Review: 'The Call'
Mar 16, 2013 (Tulsa World - McClatchy-Tribune Information Services via COMTEX) --
From the minute it starts to the minute it ends, "The Call" will keep viewers' adrenaline pumping.
The film opens in "the hive," the Los Angeles 911 call center where the buzz of operators' phone ringers and voices does not cease.
Cast: Halle Berry, Abigail Breslin
Theaters: Cinemark Tulsa, AMC Southroads 20, Cinemark Broken Arrow, Owasso, Starworld 20
Running time: 1 hour, 34 minutes
Rated: R (for violence, disturbing content and some language)
Quality: (on a scale of zero to four stars)
There are real emergencies and fake emergencies, funny phone calls and scary phone calls. No matter the situation, the rule is always this: Operators must stay emotionally detached from the person reporting the emergency.
But veteran 911 operator Jordan Turner (Halle Berry) doesn't always stick to that rule. After a call gone bad, a girl is kidnapped and murdered, and Jordan feels she's to blame. She can no longer handle the pressure on the call floor and instead becomes an instructor for the department, training new operators.

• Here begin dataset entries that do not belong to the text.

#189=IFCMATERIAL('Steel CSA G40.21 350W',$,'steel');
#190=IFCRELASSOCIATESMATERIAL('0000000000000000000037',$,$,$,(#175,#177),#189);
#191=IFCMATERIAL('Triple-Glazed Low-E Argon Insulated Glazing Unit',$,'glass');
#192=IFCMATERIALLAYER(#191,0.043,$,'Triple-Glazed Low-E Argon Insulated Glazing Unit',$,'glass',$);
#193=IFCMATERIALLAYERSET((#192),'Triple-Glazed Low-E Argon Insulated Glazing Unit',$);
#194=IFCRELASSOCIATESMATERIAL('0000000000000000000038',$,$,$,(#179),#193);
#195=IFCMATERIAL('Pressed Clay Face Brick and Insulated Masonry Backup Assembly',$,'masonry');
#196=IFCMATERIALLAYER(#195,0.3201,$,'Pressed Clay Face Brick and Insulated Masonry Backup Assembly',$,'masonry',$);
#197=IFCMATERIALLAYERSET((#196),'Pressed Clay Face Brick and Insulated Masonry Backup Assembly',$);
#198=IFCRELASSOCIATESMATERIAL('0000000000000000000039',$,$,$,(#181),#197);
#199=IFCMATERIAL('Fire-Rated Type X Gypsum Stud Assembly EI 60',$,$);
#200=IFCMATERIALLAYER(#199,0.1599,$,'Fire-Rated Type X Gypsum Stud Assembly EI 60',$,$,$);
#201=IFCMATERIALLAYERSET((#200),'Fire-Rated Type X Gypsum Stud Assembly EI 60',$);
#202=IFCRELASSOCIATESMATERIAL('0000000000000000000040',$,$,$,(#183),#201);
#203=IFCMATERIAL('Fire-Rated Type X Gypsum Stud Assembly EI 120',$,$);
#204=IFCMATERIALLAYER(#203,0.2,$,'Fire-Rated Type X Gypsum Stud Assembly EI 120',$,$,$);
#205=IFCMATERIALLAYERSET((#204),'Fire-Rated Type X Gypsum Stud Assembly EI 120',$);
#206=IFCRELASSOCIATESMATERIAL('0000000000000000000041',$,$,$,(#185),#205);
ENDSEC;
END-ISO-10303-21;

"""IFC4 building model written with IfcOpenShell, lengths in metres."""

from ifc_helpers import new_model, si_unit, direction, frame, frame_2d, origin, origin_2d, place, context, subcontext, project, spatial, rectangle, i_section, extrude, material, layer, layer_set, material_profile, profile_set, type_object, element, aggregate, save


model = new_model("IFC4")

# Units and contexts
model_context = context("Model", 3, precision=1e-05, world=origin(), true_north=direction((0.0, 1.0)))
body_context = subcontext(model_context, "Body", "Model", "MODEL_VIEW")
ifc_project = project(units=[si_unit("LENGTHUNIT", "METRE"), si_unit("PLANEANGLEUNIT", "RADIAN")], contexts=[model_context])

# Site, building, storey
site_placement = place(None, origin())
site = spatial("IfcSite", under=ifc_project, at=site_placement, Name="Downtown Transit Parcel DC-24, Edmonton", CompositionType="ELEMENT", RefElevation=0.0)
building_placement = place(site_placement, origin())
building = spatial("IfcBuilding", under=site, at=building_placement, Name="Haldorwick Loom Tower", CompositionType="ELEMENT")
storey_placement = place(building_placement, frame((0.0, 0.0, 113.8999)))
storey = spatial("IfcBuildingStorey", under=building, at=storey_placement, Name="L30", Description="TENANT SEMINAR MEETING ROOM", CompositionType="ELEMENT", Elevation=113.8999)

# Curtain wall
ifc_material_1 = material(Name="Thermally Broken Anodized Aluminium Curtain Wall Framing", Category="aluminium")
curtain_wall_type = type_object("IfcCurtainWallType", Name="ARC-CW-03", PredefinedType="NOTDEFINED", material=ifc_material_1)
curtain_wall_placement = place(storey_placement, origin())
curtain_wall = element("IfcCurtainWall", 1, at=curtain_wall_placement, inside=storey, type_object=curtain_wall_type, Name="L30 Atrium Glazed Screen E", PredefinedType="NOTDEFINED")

Six months after that incident, Jordan finds herself back on the line with Casey (Abigail Breslin), a teen who has been abducted and is calling from the car trunk she's been placed in. She's using a prepaid phone, so her call is untraceable.
This time, Jordan is determined to save the girl.
Everyone watching "The Call" will realize just how implausible its plot is. There is one coincidence too many, close call after close call and a series of lucky breaks that just don't happen in real life.
But even so, this thriller is thoroughly gripping. Watching the police and Jordan put together the pieces, as ready-to-assemble as they were, was fun. And you won't want to take your eyes off the screen in the scenes when the psychotic abductor (Michael Eklund) loses control.
"The Call" isn't a movie that gives you time to get to know your characters. But it's an example of how people can still care about the well-being of strangers -- like the 911 operators do every day -- without knowing their back stories.
Director Brad Anderson ("Transsiberian," "Session 9") and screenwriter Richard D'Ovidio are clearly just out to entertain viewers with this film. And entertain they do, fairly well.
Until the end that is, when a ridiculous surprise ending has the potential to ruin the whole movie for you if you let it.